Monday, May 25, 2015

A Greek Exit May Be the Lesser of Two Evils

One of my favorite financial commentators, Professor John Cochrane of Chicago Booth pooh-poohs talk about a Greek exit from the euro, saying essentially that we are used to sovereign defaults and this issue is separate and distinct from a decision by Greece to exit the euro.  He writes,
"Greece no more needs to leave the euro zone than it needs to leave the meter zone and recalibrate all its rulers, or than it needs to leave the UTC+2 zone and reset all its clocks to Athens time. When large companies default, they do not need to leave the dollar zone. When cities and even US states default they do not need to leave the dollar zone. A common currency means that sovereigns default just like large financial companies."
But, unlike the U.S. dollar which gained wide acceptance after the detailed architecture of the United States of America had been put in place and operating, the euro was created as a common currency without a political union in place, so I would argue that John's comment misses an essential political difference. Finance, more often than not, turns on politics, which is logical since markets are themselves social constructs in which the rulers of the nation-state have an intense interest.

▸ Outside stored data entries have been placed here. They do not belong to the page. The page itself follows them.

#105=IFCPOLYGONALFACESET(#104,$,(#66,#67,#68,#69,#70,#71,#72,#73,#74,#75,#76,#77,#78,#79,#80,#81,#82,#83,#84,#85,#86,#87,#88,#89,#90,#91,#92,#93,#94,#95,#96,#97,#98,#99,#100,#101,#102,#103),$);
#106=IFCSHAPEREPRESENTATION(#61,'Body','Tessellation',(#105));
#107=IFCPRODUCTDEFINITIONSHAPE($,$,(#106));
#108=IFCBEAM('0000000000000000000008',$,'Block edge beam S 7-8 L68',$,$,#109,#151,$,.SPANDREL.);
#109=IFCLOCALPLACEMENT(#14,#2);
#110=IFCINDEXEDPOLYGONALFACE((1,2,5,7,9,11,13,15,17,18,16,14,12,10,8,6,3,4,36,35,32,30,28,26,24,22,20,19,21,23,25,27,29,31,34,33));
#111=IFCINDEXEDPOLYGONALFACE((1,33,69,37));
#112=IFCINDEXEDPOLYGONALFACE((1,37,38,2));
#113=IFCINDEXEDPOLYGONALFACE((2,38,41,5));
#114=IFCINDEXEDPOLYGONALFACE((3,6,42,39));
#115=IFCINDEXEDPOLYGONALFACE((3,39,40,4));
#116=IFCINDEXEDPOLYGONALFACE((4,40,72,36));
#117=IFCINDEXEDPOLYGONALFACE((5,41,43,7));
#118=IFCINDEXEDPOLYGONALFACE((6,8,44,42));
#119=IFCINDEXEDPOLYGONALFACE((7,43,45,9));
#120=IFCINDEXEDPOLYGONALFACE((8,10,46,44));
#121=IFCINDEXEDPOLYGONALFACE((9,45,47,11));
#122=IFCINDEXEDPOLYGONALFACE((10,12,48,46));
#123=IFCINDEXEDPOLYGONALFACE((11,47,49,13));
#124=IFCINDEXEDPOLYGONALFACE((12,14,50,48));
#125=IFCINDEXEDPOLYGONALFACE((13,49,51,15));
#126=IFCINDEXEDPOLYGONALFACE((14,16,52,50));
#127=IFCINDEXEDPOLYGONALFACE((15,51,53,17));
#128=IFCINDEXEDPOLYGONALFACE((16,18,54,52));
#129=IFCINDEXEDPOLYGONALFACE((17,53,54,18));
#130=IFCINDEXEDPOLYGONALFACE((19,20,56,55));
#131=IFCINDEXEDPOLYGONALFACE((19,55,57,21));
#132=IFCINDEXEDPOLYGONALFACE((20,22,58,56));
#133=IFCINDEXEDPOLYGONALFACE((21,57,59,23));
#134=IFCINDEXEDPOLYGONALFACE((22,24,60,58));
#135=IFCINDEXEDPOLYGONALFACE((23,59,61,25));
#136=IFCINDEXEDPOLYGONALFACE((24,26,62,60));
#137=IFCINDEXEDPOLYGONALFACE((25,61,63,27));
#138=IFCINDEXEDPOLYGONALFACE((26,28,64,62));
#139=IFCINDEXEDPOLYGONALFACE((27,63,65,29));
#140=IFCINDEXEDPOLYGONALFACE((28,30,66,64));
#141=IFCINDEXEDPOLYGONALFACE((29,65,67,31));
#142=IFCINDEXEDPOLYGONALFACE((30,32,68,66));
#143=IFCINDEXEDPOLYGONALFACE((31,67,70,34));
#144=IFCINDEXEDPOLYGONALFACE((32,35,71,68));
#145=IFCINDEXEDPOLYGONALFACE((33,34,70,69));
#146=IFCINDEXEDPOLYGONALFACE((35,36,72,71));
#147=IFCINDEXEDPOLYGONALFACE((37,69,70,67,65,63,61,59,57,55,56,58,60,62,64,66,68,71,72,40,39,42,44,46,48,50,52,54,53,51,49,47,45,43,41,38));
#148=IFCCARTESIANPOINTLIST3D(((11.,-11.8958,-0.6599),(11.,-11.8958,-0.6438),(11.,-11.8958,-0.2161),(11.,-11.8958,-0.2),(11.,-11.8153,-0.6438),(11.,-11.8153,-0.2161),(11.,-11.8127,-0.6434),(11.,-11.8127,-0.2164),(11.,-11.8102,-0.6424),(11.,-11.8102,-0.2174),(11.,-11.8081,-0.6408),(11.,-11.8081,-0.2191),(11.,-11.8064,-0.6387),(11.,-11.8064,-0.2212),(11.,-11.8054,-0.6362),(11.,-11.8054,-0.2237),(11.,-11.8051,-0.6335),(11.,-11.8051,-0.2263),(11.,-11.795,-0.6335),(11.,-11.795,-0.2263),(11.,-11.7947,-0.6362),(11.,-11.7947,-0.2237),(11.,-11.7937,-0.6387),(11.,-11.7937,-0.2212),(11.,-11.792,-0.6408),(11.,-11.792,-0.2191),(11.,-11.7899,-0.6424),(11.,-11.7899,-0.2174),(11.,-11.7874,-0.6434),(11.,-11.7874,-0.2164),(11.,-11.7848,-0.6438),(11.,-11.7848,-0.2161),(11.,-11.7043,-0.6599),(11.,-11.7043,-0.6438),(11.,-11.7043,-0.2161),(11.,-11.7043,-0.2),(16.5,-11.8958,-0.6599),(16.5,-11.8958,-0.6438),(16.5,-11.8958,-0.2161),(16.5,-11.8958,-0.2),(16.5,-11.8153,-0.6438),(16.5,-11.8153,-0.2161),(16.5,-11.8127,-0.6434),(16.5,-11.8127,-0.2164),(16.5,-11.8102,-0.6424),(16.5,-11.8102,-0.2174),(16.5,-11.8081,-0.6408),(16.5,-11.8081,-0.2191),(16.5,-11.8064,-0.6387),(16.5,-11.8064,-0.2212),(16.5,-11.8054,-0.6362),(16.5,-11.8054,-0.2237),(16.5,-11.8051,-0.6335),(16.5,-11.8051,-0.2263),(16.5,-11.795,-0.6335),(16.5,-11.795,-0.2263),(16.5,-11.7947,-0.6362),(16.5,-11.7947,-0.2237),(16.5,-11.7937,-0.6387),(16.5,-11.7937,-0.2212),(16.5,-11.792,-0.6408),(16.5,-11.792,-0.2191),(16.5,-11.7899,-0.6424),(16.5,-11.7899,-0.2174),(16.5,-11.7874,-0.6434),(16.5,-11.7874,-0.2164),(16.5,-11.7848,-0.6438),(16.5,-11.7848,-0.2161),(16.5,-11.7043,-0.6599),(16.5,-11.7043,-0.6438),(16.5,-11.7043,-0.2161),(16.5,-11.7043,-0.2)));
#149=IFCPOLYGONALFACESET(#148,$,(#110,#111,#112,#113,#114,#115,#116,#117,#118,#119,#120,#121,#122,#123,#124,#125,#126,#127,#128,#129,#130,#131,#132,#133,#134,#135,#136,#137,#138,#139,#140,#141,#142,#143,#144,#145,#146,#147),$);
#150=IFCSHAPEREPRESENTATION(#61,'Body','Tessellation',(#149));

Going back to 2011, we wrote, "...a paralyzed Europe has to come to terms with the failure of the notion of their common currency union."  

In 2012, we wrote, "Meanwhile, the economic and social  costs of the adjustment to the weaker EU members will be genuinely painful."

I can't believe that it's taken four years for the financial press to wake up to the realities as opposed to covering EU press conferences. The Greek government played chicken with Germany, and Greece blinked. Cash was found, debt repayments were made, but they were made with prior loaned amounts found laying around, lent by the IMF/ECB. This was a cruel joke, and the charade continues, but at what cost?

Greece is a sovereign state, and it should have the freedom to make its own foolish economic decisions and to run itself into the ground, if there is no domestic political will.  Instead, its economy is chronically mismanaged, but more so than Italy or France?  And, though its electorate expressed revulsion at the euro scenario by bringing in a reform party, the people's will continues not to be carried out because of the eurozone's fiscal and economic reform requirements.  Sooner or later, this lack of political freedom is a genuine cost of belonging to the euro zone.  

The contagion issue is a technical red herring, in my opinion.  Policy pundits have argued about this before, to no real conclusion or benefit.  Greece needs to confront its own economic and social mismanagement and deal with monetary issues through its own elected representative government.  If Greece were to reissue the drachma, try to prohibit capital flight, and the drachma rose to 500 drachma/euro, then a rather painful adjustment process would begin and a new equilibrium found. But this process might be less destructive to the Greek polity than the slow bloodletting under the ECB/IMF/ESM, Whatever path chosen, it would be chosen by the Greek voters, without outside pressures, other than by market price signals. 

Greece would also being doing a favor for the rest of Europe by exposing the economic fraud which is the EU, that shouldn't have allowed most of the periphery to join the eurozone had it enforced its own rules.